If it was responded to remotely it will be F. In the case that
the Site::local_nets
variable is undefined, this
field will be left empty at all times.
- missed_bytes:
count
&log
&default
= 0
&optional
Indicates the number of bytes missed in content gaps, which
is representative of packet loss. A value other than zero
will normally cause protocol analysis to fail but some
analysis may have been completed prior to the packet loss.
- history:
string
&log
&optional
Records the state history of connections as a string of
letters.
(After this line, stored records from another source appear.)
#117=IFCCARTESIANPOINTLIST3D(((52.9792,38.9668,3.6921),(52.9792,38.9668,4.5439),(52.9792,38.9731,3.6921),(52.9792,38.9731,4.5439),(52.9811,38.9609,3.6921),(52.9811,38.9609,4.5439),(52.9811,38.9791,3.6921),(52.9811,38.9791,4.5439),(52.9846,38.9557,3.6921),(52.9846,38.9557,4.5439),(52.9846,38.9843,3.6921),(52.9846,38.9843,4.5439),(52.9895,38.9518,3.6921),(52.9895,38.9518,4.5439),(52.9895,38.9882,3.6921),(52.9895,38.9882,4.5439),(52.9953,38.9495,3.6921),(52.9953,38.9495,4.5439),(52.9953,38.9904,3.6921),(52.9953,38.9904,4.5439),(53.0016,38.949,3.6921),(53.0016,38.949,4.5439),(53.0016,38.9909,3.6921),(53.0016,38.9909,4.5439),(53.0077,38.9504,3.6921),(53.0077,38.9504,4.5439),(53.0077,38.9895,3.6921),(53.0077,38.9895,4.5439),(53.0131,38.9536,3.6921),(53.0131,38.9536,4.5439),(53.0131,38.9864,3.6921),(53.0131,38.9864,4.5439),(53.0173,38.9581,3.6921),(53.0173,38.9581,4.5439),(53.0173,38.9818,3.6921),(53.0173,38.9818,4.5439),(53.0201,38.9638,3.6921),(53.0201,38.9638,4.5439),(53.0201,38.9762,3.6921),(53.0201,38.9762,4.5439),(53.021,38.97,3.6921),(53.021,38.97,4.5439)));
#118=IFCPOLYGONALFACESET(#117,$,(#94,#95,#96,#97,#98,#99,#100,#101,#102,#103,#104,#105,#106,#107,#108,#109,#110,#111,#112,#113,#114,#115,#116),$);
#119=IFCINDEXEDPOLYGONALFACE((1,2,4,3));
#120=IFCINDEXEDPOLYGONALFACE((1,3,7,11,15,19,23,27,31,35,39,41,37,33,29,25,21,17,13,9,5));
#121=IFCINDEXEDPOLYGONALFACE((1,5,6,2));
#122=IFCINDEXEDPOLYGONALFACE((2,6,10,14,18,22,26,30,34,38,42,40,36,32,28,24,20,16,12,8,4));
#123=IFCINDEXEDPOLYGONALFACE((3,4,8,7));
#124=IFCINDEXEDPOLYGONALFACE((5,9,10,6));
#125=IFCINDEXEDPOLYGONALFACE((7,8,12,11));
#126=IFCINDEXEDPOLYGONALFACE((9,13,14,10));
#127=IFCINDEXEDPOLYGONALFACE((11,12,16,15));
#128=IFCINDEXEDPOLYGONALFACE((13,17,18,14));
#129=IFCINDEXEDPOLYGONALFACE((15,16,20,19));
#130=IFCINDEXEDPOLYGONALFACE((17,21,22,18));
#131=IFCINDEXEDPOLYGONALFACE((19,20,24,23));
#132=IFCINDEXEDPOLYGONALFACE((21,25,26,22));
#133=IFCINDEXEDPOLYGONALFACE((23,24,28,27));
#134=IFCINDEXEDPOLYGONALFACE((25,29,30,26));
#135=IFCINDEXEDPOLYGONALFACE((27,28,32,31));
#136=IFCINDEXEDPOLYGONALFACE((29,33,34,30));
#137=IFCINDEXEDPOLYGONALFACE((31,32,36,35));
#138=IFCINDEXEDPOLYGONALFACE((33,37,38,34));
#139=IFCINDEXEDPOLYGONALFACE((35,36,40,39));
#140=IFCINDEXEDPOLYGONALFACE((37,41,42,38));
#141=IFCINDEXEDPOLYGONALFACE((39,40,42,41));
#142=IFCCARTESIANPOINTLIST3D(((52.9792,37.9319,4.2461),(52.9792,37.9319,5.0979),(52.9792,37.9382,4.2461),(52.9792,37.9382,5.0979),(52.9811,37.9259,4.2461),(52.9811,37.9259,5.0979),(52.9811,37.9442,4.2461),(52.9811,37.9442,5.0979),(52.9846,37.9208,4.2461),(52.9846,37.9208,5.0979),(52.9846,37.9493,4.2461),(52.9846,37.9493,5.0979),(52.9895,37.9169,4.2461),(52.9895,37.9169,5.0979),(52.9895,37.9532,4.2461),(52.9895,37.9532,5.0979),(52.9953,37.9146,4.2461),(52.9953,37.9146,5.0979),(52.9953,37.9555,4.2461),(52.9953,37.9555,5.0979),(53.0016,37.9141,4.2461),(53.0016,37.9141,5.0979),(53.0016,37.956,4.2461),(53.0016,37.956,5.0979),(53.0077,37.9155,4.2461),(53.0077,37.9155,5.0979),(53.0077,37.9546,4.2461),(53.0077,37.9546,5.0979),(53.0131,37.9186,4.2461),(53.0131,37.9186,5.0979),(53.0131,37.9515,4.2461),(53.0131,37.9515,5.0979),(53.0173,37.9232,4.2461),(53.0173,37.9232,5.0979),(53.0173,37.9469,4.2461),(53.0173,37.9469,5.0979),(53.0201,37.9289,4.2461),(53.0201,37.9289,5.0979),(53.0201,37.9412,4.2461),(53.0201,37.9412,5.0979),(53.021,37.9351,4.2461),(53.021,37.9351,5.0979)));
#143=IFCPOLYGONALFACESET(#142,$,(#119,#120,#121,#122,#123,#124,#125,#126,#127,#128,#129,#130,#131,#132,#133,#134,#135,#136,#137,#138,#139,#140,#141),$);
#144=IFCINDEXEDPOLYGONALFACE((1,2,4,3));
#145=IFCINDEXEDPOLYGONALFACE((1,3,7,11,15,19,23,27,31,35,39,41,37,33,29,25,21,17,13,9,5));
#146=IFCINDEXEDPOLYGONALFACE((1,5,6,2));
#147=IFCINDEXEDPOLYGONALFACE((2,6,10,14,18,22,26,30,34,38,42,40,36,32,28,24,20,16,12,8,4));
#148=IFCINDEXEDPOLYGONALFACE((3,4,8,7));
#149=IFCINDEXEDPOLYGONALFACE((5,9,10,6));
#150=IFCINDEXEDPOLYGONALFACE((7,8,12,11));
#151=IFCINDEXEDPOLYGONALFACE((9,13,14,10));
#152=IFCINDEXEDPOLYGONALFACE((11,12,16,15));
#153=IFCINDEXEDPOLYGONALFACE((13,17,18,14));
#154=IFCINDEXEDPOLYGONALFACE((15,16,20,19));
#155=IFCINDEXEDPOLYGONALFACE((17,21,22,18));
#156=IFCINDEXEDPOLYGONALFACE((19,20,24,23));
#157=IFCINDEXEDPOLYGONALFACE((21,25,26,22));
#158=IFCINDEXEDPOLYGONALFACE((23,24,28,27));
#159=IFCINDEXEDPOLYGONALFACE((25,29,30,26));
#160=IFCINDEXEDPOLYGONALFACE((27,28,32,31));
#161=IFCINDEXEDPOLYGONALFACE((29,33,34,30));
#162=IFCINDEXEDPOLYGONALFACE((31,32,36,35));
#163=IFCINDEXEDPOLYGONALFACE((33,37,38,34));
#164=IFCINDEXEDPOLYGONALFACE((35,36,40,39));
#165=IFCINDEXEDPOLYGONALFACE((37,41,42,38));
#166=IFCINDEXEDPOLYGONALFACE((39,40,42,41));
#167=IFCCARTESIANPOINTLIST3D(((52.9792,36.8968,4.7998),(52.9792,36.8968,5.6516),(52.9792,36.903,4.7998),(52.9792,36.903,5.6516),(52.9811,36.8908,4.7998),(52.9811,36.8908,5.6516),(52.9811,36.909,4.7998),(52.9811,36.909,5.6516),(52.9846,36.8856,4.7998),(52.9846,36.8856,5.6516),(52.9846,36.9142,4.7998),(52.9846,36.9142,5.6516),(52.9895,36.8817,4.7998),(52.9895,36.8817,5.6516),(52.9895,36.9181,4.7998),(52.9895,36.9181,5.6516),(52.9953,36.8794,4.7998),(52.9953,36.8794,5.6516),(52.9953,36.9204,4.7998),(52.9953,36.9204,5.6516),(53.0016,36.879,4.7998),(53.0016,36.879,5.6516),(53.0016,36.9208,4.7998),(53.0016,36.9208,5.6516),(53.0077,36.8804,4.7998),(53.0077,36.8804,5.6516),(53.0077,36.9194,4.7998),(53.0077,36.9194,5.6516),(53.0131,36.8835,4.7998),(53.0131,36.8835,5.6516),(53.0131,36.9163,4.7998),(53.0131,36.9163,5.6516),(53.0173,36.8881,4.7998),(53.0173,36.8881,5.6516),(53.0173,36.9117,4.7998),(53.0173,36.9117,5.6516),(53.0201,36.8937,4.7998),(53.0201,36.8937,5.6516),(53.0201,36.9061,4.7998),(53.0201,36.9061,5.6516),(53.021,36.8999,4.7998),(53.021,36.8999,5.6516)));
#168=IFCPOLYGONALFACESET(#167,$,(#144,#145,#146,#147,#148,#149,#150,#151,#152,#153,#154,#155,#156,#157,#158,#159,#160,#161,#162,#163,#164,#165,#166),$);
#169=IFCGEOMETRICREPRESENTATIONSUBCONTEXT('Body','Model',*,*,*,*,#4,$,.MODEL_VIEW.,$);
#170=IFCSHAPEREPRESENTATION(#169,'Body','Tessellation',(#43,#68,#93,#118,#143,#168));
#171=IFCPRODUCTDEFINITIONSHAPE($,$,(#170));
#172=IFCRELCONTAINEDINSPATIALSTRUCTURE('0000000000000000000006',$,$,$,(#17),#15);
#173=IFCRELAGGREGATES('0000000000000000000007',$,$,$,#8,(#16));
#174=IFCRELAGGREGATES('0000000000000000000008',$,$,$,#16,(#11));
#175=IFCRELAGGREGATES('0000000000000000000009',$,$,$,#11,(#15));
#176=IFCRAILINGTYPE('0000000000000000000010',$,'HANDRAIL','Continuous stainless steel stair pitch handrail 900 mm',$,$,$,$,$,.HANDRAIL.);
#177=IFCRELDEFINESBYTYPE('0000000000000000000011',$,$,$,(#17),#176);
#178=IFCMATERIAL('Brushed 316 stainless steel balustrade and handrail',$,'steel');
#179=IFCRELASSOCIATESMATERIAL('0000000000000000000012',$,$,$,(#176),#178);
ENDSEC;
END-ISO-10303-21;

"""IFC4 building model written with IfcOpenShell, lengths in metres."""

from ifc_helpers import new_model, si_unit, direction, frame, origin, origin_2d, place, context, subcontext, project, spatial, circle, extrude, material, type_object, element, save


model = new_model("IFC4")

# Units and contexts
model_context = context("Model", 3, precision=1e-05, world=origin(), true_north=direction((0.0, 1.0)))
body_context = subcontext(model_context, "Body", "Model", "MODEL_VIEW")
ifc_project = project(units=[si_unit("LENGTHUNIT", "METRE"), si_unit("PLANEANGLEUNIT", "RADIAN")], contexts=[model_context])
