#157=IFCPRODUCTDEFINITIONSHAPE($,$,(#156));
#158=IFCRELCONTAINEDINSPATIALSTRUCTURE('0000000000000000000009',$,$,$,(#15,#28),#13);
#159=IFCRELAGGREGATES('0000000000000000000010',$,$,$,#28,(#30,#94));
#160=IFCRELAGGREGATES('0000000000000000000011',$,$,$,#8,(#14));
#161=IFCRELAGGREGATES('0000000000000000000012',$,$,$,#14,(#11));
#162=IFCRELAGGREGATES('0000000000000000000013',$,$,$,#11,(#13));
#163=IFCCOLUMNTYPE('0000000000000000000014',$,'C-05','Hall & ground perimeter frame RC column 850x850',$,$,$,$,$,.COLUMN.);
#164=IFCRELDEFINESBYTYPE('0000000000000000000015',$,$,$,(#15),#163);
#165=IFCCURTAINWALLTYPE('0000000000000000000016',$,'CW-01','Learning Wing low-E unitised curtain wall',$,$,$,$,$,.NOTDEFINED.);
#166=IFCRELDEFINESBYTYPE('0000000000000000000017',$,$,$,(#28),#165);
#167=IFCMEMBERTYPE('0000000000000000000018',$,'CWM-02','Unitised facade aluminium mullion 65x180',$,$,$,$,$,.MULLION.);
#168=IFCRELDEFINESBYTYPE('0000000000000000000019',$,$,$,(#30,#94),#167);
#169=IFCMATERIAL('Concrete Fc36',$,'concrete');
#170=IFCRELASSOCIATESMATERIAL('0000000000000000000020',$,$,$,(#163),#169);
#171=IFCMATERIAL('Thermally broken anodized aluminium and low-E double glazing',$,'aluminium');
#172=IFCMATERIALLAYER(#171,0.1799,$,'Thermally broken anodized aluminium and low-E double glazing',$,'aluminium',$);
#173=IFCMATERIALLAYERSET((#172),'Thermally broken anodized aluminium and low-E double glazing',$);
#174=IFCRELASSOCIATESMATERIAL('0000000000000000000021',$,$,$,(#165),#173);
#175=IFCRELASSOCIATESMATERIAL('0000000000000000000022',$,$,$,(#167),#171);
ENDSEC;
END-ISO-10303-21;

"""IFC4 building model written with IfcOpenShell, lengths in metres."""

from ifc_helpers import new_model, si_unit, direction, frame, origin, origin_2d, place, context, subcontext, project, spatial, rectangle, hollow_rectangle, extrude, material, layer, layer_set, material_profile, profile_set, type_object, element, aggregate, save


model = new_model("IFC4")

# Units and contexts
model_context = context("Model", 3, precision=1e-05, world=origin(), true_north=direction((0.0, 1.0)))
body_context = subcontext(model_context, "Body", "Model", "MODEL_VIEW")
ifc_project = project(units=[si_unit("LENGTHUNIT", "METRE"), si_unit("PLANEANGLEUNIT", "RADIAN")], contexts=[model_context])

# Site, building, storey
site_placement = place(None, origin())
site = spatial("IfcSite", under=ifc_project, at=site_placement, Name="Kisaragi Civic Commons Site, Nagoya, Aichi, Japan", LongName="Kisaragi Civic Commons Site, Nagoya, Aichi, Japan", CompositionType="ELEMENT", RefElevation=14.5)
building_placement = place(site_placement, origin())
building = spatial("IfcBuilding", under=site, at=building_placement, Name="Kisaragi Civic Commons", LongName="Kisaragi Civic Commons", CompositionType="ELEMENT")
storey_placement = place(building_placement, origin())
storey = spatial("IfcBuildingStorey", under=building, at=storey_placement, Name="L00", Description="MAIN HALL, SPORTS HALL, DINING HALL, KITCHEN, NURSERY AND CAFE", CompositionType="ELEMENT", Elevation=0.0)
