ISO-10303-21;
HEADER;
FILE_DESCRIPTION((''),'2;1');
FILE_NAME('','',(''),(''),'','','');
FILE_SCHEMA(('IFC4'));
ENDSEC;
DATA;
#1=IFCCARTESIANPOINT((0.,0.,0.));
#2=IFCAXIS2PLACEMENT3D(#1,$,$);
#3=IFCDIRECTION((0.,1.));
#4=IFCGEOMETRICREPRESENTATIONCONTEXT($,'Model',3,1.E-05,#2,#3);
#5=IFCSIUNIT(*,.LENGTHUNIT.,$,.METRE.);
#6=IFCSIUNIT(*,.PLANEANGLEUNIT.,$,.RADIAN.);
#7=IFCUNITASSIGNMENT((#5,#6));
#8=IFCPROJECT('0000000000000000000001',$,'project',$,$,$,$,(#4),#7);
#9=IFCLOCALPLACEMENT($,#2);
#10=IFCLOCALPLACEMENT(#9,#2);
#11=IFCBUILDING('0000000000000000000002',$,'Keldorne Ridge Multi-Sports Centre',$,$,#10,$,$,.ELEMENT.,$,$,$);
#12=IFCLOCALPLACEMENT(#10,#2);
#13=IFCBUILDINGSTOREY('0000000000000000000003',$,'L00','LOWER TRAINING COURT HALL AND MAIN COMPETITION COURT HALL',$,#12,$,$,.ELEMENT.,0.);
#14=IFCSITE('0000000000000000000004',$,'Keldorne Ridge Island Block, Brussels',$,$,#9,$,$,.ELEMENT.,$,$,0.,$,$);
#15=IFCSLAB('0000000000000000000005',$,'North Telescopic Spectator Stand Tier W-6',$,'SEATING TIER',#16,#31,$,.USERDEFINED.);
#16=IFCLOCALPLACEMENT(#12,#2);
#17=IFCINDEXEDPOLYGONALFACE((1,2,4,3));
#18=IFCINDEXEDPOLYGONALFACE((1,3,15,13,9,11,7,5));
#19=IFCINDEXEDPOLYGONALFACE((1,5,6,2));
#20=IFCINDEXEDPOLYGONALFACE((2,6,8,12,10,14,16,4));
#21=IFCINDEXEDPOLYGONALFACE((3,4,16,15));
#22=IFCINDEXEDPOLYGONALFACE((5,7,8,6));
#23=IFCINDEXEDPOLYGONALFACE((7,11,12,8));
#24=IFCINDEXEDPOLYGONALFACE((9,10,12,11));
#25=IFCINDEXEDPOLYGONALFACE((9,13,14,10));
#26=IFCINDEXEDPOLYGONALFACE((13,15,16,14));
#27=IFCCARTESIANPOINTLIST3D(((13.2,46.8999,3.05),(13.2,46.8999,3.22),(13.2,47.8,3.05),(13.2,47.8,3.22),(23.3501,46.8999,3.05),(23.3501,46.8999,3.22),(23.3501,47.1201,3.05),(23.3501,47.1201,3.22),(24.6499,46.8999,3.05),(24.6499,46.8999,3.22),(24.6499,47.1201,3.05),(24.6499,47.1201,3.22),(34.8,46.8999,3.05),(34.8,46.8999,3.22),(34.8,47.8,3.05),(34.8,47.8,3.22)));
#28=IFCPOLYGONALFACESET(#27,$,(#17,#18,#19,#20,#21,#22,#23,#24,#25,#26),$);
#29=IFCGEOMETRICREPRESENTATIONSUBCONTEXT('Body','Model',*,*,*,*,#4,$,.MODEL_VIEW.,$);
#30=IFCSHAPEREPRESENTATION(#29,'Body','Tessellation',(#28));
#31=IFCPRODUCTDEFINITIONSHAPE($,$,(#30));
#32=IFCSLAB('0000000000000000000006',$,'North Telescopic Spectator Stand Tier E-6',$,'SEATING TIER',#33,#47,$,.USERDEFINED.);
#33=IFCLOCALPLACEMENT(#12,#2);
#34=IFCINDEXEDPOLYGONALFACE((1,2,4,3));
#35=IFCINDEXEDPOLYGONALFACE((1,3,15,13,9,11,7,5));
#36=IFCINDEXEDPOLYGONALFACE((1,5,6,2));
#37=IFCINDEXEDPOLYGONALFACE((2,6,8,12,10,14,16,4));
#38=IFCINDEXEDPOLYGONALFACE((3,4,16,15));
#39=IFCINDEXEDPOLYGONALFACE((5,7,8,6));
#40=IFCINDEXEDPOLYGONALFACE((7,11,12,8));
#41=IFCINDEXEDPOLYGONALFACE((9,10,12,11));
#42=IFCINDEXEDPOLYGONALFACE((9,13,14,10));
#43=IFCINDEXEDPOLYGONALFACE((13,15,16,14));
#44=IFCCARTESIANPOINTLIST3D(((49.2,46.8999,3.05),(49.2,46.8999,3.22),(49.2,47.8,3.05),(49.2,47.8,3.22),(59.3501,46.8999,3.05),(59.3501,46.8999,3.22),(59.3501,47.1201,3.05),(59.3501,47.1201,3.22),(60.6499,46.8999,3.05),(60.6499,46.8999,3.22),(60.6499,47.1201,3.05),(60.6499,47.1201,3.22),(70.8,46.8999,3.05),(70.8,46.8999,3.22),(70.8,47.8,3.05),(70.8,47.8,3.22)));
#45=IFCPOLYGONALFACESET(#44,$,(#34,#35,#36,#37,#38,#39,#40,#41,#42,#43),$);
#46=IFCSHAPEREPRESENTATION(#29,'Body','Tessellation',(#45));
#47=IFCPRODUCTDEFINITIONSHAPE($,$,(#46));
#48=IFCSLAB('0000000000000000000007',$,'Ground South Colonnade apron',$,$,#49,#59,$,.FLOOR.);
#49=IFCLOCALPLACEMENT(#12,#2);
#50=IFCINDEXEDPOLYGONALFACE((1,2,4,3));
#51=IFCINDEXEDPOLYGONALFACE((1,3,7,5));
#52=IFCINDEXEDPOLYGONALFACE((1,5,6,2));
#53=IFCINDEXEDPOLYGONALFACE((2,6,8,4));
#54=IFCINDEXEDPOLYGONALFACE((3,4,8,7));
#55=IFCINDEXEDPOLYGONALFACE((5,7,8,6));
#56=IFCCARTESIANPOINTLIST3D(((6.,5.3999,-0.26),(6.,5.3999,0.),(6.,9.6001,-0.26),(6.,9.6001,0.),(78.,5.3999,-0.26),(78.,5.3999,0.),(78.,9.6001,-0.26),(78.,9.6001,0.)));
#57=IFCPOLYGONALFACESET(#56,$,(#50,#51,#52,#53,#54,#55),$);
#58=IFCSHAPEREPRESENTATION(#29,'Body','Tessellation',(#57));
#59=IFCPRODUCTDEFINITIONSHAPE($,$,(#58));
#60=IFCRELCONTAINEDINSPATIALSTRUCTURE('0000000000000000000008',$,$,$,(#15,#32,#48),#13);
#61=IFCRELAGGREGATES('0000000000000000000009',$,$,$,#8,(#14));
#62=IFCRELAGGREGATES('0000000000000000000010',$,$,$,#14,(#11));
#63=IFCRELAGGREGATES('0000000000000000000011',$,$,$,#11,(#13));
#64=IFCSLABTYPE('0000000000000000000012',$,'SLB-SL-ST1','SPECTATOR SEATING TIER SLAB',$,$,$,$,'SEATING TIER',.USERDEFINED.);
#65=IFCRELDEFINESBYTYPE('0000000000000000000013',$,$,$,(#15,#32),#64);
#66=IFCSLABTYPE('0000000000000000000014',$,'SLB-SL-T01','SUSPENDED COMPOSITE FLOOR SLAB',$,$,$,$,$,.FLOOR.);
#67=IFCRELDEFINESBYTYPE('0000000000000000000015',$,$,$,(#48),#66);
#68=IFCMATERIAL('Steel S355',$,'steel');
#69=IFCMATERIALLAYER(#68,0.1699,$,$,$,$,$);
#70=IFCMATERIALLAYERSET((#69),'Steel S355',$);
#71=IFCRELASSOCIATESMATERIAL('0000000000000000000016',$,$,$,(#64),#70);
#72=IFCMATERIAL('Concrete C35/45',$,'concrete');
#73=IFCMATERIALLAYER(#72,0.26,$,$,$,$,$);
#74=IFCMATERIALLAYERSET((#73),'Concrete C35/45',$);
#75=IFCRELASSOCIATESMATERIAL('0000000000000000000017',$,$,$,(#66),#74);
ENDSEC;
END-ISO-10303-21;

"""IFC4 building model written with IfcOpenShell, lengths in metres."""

from ifc_helpers import new_model, si_unit, direction, frame, origin, place, context, subcontext, project, spatial, polyline, outline, extrude, material, layer, layer_set, type_object, element, save


model = new_model("IFC4")

# Units and contexts
model_context = context("Model", 3, precision=1e-05, world=origin(), true_north=direction((0.0, 1.0)))
body_context = subcontext(model_context, "Body", "Model", "MODEL_VIEW")
ifc_project = project(units=[si_unit("LENGTHUNIT", "METRE"), si_unit("PLANEANGLEUNIT", "RADIAN")], contexts=[model_context])

# Site, building, storey
site_placement = place(None, origin())
site = spatial("IfcSite", under=ifc_project, at=site_placement, Name="Keldorne Ridge Island Block, Brussels", CompositionType="ELEMENT", RefElevation=0.0)
building_placement = place(site_placement, origin())
building = spatial("IfcBuilding", under=site, at=building_placement, Name="Keldorne Ridge Multi-Sports Centre", CompositionType="ELEMENT")
storey_placement = place(building_placement, origin())
storey = spatial("IfcBuildingStorey", under=building, at=storey_placement, Name="L00", Description="LOWER TRAINING COURT HALL AND MAIN COMPETITION COURT HALL", CompositionType="ELEMENT", Elevation=0.0)

# Shared definitions
ifc_material_1 = material(Name="Concrete C35/45", Category="concrete")

# Slabs
ifc_material_2 = material(Name="Steel S355", Category="steel")
ifc_layer_1 = layer(ifc_material_2, 0.1699)
ifc_layer_set_1 = layer_set([ifc_layer_1], Name="Steel S355")
slab_type_1 = type_object("IfcSlabType", Name="SLB-SL-ST1", Description="SPECTATOR SEATING TIER SLAB", ElementType="SEATING TIER", PredefinedType="USERDEFINED", material=ifc_layer_set_1)
slab_1_placement = place(storey_placement, frame((0.0, 0.0, 3.05)))
element("IfcSlab", 1, at=slab_1_placement, inside=storey, type_object=slab_type_1, Name="North Telescopic Spectator Stand Tier W-6", ObjectType="SEATING TIER", PredefinedType="USERDEFINED", context=body_context, shape_type="SweptSolid", body=[
    extrude(outline(polyline([(13.2, 46.8999), (23.3501, 46.8999), (23.3501, 47.1201), (24.6499, 47.1201), (24.6499, 46.8999), (34.8, 46.8999), (34.8, 47.8), (13.2, 47.8), (13.2, 46.8999)])), origin(), (0.0, 0.0, 1.0), 0.1699),
])
slab_2_placement = place(storey_placement, frame((0.0, 0.0, 3.05)))
element("IfcSlab", 2, at=slab_2_placement, inside=storey, type_object=slab_type_1, Name="North Telescopic Spectator Stand Tier E-6", ObjectType="SEATING TIER", PredefinedType="USERDEFINED", context=body_context, shape_type="SweptSolid", body=[
    extrude(outline(polyline([(49.2, 46.8999), (59.3501, 46.8999), (59.3501, 47.1201), (60.6499, 47.1201), (60.6499, 46.8999), (70.8, 46.8999), (70.8, 47.8), (49.2, 47.8), (49.2, 46.8999)])), origin(), (0.0, 0.0, 1.0), 0.1699),
])
ifc_layer_2 = layer(ifc_material_1, 0.26)
ifc_layer_set_2 = layer_set([ifc_layer_2], Name="Concrete C35/45")
slab_type_2 = type_object("IfcSlabType", Name="SLB-SL-T01", Description="SUSPENDED COMPOSITE FLOOR SLAB", PredefinedType="FLOOR", material=ifc_layer_set_2)
slab_3_placement = place(storey_placement, frame((0.0, 0.0, -0.26)))
element("IfcSlab", 3, at=slab_3_placement, inside=storey, type_object=slab_type_2, Name="Ground South Colonnade apron", PredefinedType="FLOOR", context=body_context, shape_type="SweptSolid", body=[
    extrude(outline(polyline([(6.0, 5.3999), (78.0, 5.3999), (78.0, 9.6001), (6.0, 9.6001), (6.0, 5.3999)])), origin(), (0.0, 0.0, 1.0), 0.26),
])

save(model, "model.ifc")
The meaning of those letters is:
Letter |
Meaning |
s |
a SYN w/o the ACK bit set |
h |
a SYN+ACK (“handshake”) |
a |
a pure ACK |
d |
packet with payload (“data”) |
f |
packet with FIN bit set |
r |
packet with RST bit set |
c |
packet with a bad checksum (applies to UDP too) |
t |
packet with retransmitted payload |
w |
packet with a zero window advertisement |
i |
inconsistent packet (e.g. FIN+RST bits set) |
q |
multi-flag packet (SYN+FIN or SYN+RST bits set) |
^ |
connection direction was flipped by Bro’s heuristic |
If the event comes from the originator, the letter is in
upper-case; if it comes from the responder, it’s in
lower-case. The ‘a’, ‘d’, ‘i’ and ‘q’ flags are
recorded a maximum of one time in either direction regardless
of how many are actually seen. ‘f’, ‘h’, ‘r’ and
‘s’ can be recorded multiple times for either direction
if the associated sequence number differs from the
last-seen packet of the same flag type.
‘c’, ‘t’ and ‘w’ are recorded in a logarithmic fashion:
the second instance represents that the event was seen
(at least) 10 times; the third instance, 100 times; etc.
- orig_pkts:
count
&log
&optional
Number of packets that the originator sent.
Only set if use_conn_size_analyzer
= T.
- orig_ip_bytes:
count
&log
&optional
Number of IP level bytes that the originator sent (as seen on
the wire, taken from the IP total_length header field).
Only set if use_conn_size_analyzer
= T.
- resp_pkts:
count
&log
&optional
Number of packets that the responder sent.
Only set if use_conn_size_analyzer
= T.
- resp_ip_bytes:
count
&log
&optional
Number of IP level bytes that the responder sent (as seen on
the wire, taken from the IP total_length header field).
Only set if use_conn_size_analyzer
= T.
- tunnel_parents:
set
[string
] &log
&optional
If this connection was over a tunnel, indicate the
uid values for any encapsulating parent connections
used over the lifetime of this inner connection.
- orig_l2_addr:
string
&log
&optional
(present if policy/protocols/conn/mac-logging.bro is loaded)
Link-layer address of the originator, if available.
- resp_l2_addr:
string
&log
&optional
(present if policy/protocols/conn/mac-logging.bro is loaded)
Link-layer address of the responder, if available.
- vlan:
int
&log
&optional
(present if policy/protocols/conn/vlan-logging.bro is loaded)
The outer VLAN for this connection, if applicable.
- inner_vlan:
int
&log
&optional
(present if policy/protocols/conn/vlan-logging.bro is loaded)
The inner VLAN for this connection, if applicable.